An Egyptian farmer in the Nile valley: Egypt's government wants to create more farmland out of desert.Foto: AP
SPIEGEL: Are Egypt's seven fat years now behind it, and must we now brace ourselves for images of underfed cows?
Mahmud Safwat Mohieldin: The recession is behind us. Instead of a meager growth rate of 3.5 percent, last year alone we generated seven percent growth -- the trend is upward.
SPIEGEL: That sounds good. Yet, Egypt is struggling with serious problems, especially in agriculture, which has been neglected for decades. That is why Egypt imports two-thirds of its food at great cost -- also an upward trend.
Mohieldin: We indeed need to focus on the agricultural sector, which still employs the most workers. Our fields still account for more of our gross domestic product than industry and money transfers of Egyptian guest workers in the Gulf states.
SPIEGEL: How can the agricultural sector be reformed?
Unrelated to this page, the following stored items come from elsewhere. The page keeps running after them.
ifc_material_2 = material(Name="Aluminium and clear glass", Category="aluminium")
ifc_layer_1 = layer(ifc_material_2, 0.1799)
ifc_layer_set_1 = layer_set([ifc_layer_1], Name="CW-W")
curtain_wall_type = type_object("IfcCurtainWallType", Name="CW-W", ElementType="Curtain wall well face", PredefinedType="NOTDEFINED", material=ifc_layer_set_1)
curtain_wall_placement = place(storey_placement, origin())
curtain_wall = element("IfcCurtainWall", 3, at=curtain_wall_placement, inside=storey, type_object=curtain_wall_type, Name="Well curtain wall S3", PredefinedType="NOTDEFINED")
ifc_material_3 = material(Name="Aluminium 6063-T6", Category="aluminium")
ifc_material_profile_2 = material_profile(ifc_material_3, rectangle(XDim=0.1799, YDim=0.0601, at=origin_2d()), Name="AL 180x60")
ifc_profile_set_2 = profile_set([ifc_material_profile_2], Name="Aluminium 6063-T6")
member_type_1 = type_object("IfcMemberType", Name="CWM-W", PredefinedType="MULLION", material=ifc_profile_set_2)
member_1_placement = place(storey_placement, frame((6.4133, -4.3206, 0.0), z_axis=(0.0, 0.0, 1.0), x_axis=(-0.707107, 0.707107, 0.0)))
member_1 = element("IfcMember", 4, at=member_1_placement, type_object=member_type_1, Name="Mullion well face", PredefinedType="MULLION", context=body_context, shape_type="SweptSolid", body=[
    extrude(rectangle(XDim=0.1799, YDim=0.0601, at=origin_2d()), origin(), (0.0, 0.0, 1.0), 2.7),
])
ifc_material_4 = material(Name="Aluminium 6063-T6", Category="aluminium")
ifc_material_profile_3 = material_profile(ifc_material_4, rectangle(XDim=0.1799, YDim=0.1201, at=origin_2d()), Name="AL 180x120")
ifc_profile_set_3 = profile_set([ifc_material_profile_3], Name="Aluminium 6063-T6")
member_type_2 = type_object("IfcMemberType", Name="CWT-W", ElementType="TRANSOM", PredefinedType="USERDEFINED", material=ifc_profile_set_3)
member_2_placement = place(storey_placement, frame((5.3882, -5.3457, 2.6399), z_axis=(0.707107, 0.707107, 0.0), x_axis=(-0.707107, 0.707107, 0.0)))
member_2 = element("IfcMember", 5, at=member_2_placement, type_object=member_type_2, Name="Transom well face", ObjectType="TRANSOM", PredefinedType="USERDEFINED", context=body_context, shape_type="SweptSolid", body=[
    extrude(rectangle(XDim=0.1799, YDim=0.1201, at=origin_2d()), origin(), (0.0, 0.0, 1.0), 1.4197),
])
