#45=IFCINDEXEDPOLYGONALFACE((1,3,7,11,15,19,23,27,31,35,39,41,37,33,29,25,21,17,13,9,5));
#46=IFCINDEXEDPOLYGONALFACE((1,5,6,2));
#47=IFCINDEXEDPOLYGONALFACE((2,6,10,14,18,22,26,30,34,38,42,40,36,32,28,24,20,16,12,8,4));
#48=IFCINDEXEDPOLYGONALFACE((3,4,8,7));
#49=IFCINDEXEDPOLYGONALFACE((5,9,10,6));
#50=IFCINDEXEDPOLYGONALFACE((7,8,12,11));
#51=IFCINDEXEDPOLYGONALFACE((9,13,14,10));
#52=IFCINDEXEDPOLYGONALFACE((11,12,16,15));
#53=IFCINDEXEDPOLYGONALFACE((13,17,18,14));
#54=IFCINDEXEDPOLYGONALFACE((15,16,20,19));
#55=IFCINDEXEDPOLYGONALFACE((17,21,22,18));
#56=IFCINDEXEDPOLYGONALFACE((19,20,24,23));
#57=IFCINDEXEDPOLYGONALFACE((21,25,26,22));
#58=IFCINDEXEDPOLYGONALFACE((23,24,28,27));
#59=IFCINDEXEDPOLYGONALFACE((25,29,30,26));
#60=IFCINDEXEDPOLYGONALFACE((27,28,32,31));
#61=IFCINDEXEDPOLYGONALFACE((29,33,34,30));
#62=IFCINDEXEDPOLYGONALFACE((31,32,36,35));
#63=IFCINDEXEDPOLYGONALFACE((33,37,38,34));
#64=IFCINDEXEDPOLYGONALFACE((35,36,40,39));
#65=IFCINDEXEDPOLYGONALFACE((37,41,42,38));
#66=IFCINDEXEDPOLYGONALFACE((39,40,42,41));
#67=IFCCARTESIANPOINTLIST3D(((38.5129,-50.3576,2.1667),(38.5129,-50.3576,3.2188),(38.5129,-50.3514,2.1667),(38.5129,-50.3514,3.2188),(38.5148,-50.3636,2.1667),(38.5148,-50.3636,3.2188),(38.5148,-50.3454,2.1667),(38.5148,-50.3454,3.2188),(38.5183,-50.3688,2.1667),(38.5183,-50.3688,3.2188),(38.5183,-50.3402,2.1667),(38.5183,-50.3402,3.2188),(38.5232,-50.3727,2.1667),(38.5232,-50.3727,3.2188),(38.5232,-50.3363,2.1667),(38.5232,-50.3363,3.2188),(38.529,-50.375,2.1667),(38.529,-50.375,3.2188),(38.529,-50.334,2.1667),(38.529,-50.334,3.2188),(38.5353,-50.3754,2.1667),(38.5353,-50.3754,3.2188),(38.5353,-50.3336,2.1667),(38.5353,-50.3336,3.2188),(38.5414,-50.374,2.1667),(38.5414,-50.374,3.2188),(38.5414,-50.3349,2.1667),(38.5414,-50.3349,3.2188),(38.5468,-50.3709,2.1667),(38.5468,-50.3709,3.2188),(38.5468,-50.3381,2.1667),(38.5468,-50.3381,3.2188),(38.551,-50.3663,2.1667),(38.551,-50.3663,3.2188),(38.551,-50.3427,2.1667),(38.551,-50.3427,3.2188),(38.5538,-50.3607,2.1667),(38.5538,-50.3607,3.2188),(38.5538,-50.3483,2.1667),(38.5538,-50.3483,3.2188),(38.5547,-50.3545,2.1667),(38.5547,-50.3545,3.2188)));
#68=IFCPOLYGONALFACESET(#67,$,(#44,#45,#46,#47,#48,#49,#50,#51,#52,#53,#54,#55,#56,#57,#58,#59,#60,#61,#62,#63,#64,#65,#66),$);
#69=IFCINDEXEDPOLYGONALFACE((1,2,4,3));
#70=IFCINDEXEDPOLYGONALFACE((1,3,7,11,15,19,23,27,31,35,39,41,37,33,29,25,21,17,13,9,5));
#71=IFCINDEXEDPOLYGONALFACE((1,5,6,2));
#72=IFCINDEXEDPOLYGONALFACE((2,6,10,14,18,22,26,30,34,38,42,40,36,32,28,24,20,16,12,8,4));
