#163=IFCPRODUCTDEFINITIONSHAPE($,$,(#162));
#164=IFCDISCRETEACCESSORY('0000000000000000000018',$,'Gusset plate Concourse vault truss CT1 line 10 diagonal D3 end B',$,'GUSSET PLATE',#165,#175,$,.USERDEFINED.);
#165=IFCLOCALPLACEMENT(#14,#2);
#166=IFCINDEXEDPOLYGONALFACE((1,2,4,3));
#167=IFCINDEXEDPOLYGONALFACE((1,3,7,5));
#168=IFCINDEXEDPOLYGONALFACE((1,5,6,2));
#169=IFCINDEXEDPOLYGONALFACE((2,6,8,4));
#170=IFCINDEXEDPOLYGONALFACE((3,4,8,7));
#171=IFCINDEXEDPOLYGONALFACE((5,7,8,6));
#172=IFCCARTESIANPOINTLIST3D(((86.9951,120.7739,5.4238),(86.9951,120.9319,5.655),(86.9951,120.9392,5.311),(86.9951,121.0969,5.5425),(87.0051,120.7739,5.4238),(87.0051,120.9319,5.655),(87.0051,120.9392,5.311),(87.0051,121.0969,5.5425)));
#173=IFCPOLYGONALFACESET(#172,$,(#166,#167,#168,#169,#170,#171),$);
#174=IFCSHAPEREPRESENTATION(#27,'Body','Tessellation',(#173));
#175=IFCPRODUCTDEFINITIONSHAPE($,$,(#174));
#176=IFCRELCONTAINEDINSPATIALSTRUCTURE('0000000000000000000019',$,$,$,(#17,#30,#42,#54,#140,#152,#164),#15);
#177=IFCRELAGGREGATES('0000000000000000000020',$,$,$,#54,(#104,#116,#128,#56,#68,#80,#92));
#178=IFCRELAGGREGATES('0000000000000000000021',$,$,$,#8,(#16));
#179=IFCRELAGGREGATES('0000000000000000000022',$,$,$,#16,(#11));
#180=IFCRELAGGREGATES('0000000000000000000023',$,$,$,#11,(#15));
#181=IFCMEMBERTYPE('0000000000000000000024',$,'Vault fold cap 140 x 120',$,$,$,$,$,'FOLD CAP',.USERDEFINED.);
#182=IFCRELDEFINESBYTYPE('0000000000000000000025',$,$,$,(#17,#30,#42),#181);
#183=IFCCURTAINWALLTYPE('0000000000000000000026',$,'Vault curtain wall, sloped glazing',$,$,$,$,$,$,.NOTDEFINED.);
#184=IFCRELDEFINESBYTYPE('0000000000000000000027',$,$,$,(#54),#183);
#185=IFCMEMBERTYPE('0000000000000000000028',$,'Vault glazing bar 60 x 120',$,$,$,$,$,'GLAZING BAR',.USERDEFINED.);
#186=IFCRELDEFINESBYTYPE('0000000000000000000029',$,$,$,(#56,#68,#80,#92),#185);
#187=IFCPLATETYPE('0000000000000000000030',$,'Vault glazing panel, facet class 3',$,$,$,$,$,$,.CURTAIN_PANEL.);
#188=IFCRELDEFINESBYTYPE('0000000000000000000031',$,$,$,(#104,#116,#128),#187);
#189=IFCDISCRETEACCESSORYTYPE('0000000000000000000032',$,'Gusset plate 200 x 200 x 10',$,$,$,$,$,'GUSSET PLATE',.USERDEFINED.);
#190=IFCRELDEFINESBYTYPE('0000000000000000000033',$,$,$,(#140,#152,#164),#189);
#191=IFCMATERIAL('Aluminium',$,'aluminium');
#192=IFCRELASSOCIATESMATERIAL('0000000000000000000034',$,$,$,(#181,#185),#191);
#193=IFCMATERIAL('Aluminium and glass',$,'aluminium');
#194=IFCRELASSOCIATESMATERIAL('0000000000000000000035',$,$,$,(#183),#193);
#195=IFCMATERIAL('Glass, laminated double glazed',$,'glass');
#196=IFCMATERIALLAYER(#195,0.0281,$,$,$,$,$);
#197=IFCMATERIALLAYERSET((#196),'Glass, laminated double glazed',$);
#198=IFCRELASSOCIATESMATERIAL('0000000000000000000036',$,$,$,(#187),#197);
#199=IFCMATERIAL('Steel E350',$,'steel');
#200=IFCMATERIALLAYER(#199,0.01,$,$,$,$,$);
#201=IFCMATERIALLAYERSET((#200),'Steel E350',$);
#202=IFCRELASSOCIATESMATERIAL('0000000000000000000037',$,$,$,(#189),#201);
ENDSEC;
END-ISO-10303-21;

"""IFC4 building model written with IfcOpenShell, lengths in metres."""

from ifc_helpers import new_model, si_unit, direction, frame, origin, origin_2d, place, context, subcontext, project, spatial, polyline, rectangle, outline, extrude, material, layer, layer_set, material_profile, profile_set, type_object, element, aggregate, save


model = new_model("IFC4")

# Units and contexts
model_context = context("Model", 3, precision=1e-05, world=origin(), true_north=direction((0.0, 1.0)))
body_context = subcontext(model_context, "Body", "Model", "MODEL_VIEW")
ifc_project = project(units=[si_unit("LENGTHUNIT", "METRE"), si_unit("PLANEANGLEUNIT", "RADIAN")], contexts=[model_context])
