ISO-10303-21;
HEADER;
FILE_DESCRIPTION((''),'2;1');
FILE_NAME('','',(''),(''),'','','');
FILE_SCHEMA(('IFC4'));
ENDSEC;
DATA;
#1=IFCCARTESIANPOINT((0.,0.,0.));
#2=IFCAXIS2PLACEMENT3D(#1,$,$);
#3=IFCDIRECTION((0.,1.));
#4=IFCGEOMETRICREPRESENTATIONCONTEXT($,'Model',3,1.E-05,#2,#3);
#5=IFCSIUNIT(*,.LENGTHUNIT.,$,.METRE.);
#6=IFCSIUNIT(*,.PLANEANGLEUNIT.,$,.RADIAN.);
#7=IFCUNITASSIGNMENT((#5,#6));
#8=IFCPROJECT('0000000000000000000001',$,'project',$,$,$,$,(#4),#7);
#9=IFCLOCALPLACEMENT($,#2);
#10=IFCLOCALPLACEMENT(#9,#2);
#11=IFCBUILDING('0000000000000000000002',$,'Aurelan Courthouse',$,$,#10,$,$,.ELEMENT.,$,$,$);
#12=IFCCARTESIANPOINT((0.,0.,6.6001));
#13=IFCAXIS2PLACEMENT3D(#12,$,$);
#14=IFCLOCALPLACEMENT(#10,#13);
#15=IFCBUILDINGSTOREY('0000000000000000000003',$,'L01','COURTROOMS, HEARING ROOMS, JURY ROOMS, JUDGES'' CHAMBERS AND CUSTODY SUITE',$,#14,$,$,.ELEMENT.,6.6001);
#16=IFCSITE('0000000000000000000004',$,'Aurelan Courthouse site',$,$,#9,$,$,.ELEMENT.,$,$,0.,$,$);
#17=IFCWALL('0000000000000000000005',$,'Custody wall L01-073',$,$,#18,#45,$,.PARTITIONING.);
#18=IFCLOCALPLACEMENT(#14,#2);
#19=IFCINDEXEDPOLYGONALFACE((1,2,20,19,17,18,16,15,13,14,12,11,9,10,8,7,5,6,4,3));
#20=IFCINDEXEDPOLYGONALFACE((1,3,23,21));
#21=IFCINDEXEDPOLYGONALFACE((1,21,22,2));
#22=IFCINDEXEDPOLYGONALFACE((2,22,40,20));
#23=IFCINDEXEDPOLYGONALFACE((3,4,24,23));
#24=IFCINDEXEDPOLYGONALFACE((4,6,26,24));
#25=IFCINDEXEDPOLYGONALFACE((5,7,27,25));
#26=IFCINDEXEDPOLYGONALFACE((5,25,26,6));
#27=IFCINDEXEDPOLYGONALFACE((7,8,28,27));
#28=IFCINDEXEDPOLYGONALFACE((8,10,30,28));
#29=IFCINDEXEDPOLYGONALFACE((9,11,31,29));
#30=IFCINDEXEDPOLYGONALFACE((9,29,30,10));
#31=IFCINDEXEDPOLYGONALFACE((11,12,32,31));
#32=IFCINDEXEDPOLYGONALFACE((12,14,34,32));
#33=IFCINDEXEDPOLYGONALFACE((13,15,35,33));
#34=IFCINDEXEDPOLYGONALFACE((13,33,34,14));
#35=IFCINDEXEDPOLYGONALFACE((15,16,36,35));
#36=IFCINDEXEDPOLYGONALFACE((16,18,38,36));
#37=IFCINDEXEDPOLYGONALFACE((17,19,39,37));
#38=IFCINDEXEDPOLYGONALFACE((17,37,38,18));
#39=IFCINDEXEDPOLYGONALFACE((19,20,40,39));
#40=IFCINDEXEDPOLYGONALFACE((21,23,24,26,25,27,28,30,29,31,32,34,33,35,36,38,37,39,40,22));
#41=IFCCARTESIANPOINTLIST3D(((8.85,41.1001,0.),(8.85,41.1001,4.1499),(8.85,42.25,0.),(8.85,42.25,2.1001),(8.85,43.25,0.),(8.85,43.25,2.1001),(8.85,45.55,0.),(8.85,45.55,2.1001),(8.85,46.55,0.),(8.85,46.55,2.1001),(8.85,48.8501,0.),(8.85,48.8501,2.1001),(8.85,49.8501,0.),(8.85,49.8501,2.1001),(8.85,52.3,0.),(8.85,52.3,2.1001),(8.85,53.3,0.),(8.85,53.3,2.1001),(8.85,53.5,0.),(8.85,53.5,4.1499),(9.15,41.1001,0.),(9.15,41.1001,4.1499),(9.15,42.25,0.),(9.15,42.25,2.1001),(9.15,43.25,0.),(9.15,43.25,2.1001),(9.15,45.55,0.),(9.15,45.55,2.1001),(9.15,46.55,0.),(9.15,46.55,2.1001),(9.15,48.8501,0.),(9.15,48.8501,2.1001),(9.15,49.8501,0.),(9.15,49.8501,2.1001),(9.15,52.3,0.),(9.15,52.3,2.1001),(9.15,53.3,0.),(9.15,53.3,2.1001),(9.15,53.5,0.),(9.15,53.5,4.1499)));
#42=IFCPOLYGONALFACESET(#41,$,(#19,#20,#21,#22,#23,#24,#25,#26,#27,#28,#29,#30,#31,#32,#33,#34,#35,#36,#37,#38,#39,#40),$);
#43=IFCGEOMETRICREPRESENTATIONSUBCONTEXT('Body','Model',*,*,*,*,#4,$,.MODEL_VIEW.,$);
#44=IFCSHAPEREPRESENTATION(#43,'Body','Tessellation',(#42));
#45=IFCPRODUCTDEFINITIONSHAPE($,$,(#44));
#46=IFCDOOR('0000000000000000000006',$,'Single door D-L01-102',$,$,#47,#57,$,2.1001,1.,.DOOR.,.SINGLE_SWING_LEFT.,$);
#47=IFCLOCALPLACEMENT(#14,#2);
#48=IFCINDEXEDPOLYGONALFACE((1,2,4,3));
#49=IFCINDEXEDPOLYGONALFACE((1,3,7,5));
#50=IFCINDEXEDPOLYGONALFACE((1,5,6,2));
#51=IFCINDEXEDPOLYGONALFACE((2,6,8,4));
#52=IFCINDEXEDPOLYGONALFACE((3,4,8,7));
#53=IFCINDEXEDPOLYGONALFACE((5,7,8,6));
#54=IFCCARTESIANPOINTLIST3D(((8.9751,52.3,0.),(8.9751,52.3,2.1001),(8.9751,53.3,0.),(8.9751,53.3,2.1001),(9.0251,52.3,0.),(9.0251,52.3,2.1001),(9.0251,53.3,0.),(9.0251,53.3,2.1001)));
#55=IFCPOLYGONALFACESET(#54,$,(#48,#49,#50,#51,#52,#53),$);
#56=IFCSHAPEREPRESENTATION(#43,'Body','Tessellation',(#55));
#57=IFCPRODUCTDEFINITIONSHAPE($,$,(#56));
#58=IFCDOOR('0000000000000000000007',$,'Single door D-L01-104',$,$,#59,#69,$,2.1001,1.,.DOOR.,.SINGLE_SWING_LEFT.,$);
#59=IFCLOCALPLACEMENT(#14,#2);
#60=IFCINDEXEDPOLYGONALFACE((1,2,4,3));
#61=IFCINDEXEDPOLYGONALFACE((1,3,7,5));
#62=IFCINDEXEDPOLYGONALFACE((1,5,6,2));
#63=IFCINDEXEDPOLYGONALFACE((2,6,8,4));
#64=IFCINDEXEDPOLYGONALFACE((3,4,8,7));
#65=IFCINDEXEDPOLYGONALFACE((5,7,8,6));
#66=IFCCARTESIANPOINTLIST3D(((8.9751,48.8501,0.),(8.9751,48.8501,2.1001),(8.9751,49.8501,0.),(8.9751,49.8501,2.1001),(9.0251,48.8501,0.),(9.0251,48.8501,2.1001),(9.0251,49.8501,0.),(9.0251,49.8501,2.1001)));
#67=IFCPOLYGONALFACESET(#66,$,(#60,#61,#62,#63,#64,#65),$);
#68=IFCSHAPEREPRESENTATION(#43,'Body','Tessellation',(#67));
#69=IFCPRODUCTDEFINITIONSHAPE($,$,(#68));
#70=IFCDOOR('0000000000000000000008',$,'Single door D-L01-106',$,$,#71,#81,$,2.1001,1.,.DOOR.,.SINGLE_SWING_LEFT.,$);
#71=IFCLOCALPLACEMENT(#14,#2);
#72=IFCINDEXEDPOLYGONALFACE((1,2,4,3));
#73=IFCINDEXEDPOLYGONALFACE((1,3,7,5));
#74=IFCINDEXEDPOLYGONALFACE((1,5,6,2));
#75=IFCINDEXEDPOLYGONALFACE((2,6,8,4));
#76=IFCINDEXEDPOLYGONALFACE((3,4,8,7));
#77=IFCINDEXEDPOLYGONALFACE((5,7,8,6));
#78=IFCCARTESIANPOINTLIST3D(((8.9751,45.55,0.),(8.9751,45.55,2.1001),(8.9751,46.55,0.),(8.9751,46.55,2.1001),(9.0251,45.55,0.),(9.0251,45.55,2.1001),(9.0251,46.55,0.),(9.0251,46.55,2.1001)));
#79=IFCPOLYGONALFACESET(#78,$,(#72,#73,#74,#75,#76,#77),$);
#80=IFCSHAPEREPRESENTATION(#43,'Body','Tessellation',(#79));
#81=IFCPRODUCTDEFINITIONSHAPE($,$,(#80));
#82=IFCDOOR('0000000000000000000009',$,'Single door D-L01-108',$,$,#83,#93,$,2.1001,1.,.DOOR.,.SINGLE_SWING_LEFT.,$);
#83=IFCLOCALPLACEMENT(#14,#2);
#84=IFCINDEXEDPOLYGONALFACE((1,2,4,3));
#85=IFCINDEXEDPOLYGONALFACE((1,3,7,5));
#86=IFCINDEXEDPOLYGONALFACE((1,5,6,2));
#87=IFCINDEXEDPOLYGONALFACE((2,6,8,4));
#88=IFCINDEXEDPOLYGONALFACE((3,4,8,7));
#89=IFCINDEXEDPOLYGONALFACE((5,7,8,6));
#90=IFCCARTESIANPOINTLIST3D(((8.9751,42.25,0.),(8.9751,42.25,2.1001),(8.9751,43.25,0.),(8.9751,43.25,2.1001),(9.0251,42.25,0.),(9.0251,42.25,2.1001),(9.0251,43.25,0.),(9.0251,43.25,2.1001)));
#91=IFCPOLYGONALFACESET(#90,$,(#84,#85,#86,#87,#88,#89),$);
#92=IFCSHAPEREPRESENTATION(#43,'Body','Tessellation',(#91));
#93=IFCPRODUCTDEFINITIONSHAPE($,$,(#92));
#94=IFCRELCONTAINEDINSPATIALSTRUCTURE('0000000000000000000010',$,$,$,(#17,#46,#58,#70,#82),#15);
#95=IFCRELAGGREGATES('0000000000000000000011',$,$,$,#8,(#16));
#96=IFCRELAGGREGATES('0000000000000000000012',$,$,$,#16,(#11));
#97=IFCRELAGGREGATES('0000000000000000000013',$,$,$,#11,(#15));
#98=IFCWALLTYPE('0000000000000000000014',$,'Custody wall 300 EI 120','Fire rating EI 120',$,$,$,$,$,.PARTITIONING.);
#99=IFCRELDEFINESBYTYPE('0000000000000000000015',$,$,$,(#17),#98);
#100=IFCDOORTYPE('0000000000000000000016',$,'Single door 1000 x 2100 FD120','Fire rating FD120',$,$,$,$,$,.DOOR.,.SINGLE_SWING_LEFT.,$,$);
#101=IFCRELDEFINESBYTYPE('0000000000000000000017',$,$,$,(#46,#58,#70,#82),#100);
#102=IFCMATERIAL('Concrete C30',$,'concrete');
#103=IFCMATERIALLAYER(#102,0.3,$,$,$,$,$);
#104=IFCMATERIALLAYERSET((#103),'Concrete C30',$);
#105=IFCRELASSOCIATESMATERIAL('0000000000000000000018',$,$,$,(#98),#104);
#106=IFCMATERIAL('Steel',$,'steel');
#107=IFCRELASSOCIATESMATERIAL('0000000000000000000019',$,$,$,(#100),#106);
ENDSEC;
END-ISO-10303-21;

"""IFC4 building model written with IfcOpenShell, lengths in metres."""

from ifc_helpers import new_model, si_unit, direction, frame, frame_2d, origin, place, context, subcontext, project, spatial, rectangle, extrude, material, layer, layer_set, type_object, element, fill, save


model = new_model("IFC4")

# Units and contexts
model_context = context("Model", 3, precision=1e-05, world=origin(), true_north=direction((0.0, 1.0)))
body_context = subcontext(model_context, "Body", "Model", "MODEL_VIEW")
ifc_project = project(units=[si_unit("LENGTHUNIT", "METRE"), si_unit("PLANEANGLEUNIT", "RADIAN")], contexts=[model_context])

# Site, building, storey
site_placement = place(None, origin())
site = spatial("IfcSite", under=ifc_project, at=site_placement, Name="Aurelan Courthouse site", CompositionType="ELEMENT", RefElevation=0.0)
building_placement = place(site_placement, origin())
building = spatial("IfcBuilding", under=site, at=building_placement, Name="Aurelan Courthouse", CompositionType="ELEMENT")
storey_placement = place(building_placement, frame((0.0, 0.0, 6.6001)))
storey = spatial("IfcBuildingStorey", under=building, at=storey_placement, Name="L01", Description="COURTROOMS, HEARING ROOMS, JURY ROOMS, JUDGES' CHAMBERS AND CUSTODY SUITE", CompositionType="ELEMENT", Elevation=6.6001)

# Shared definitions
ifc_material_1 = material(Name="Concrete C30", Category="concrete")
ifc_layer = layer(ifc_material_1, 0.3)
ifc_layer_set = layer_set([ifc_layer], Name="Concrete C30")
wall_type = type_object("IfcWallType", Name="Custody wall 300 EI 120", Description="Fire rating EI 120", PredefinedType="PARTITIONING", material=ifc_layer_set)
ifc_material_2 = material(Name="Steel", Category="steel")
door_type_1 = type_object("IfcDoorType", Name="Single door 1000 x 2100 FD120", Description="Fire rating FD120", OperationType="SINGLE_SWING_LEFT", PredefinedType="DOOR", material=ifc_material_2)

# Wall, openings, doors
wall_1_placement = place(storey_placement, frame((9.0, 41.1001, 0.0), z_axis=(0.0, 0.0, 1.0), x_axis=(0.0, 1.0, 0.0)))
wall_1 = element("IfcWall", 1, at=wall_1_placement, inside=storey, type_object=wall_type, Name="Custody wall L01-073", PredefinedType="PARTITIONING", context=body_context, shape_type="SweptSolid", body=[
    extrude(rectangle(XDim=12.3999, YDim=0.3, at=frame_2d((6.2, 0.0))), origin(), (0.0, 0.0, 1.0), 4.1499),
])
opening_1_placement = place(wall_1_placement, frame((11.2, 0.0, 0.0)))
opening_1 = element("IfcOpeningElement", 2, at=opening_1_placement, cuts=wall_1, PredefinedType="OPENING", context=body_context, shape_type="SweptSolid", body=[
    extrude(rectangle(XDim=1.0, YDim=2.1001, at=frame_2d((0.5, 1.05))), frame((0.0, 0.1599, 0.0), z_axis=(0.0, -1.0, 0.0), x_axis=(1.0, 0.0, 0.0)), (0.0, 0.0, 1.0), 0.3201),
])
opening_2_placement = place(wall_1_placement, frame((7.75, 0.0, 0.0)))
opening_2 = element("IfcOpeningElement", 3, at=opening_2_placement, cuts=wall_1, PredefinedType="OPENING", context=body_context, shape_type="SweptSolid", body=[
    extrude(rectangle(XDim=1.0, YDim=2.1001, at=frame_2d((0.5, 1.05))), frame((0.0, 0.1599, 0.0), z_axis=(0.0, -1.0, 0.0), x_axis=(1.0, 0.0, 0.0)), (0.0, 0.0, 1.0), 0.3201),
])
opening_3_placement = place(wall_1_placement, frame((4.45, 0.0, 0.0)))
opening_3 = element("IfcOpeningElement", 4, at=opening_3_placement, cuts=wall_1, PredefinedType="OPENING", context=body_context, shape_type="SweptSolid", body=[
    extrude(rectangle(XDim=1.0, YDim=2.1001, at=frame_2d((0.5, 1.05))), frame((0.0, 0.1599, 0.0), z_axis=(0.0, -1.0, 0.0), x_axis=(1.0, 0.0, 0.0)), (0.0, 0.0, 1.0), 0.3201),
])
opening_4_placement = place(wall_1_placement, frame((1.1499, 0.0, 0.0)))
opening_4 = element("IfcOpeningElement", 5, at=opening_4_placement, cuts=wall_1, PredefinedType="OPENING", context=body_context, shape_type="SweptSolid", body=[
    extrude(rectangle(XDim=1.0, YDim=2.1001, at=frame_2d((0.5, 1.05))), frame((0.0, 0.1599, 0.0), z_axis=(0.0, -1.0, 0.0), x_axis=(1.0, 0.0, 0.0)), (0.0, 0.0, 1.0), 0.3201),
])
door_1_placement = place(opening_1_placement, origin())
door_1 = element("IfcDoor", 6, at=door_1_placement, inside=storey, type_object=door_type_1, Name="Single door D-L01-102", OperationType="SINGLE_SWING_LEFT", OverallHeight=2.1001, OverallWidth=1.0, PredefinedType="DOOR", context=body_context, shape_type="SweptSolid", body=[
Mohieldin: We can get closer to that goal, if we, for example, reclaim desert areas, as we are on the shore of the Aswan High Dam, where together with the state of Sudan we will use the unused dam water to reclaim land.
SPIEGEL: But the huge reservoir has been available for the expansion of farmland for the past 38 years
Mohieldin: and we will now tap into it. We are in contact with the government in Khartoum, which is starting land reclamation projects in north Sudan.
SPIEGEL: The modernization of Egyptian agriculture will require a lot of money. Where will that come from?
Mohieldin: The state and the private sector will be equally needed because the infrastructural preconditions, such as roads and railway lines, will need to be created. The reclamation of one Feddan (0.42 hectare) of desert land costs at least 15,000 Egyptian Pounds ($2,885).
SPIEGEL: The land owners, most of whom own only parcels of land, cannot keep up with that.
Mohieldin: We know that and we are working to alleviate their financial burdens. That is why we are supporting specially created agricultural credit institutions, which offer low-interest, long-term loans. We're using Pakistan as the model, where the system has proven itself. We're also bringing in experts from India.
SPIEGEL: Are you not getting any help from the World Bank?
Mohieldin: The World Bank is financing 38 agricultural projects that have a total budget of $2 billion over two years, which are also being used to ensure the modernization of irrigation systems and to secure an efficient water economy.
SPIEGEL: Despite all these plans more and more farm land in the Nile delta is disappearing and in the Nile valley towns and villages are eating into the countryside like cancer.
Mohieldin: That's true. There is, however, an urban development plan that takes into account the natural population growth. We prefer to lose a couple of hectares to planned developments than to let the uncontrolled growth just continue to expand unbridled. The new satellite towns on desert land are another way of getting a handle on these problems.
SPIEGEL: The 80 million Egyptians use ever more energy, but the existing resources are insufficient to cover the demand. Why doesn't your government make more use of the : wind and sun?
Mohieldin: The production of solar energy is still too expensive, even though we have already gained experience in that field to a limited extent. In wind energy, on the other hand, we have made good progress. One of the world's best wind farms, for example, is located near Suez. We're already looking into the possibility of exporting the electricity generated by wind power to Europe via Spain and Bulgaria. We will have to invest a lot more in this sector in the future.
The interview was conducted by Amira El Ahl and Volkhard Windfuhr.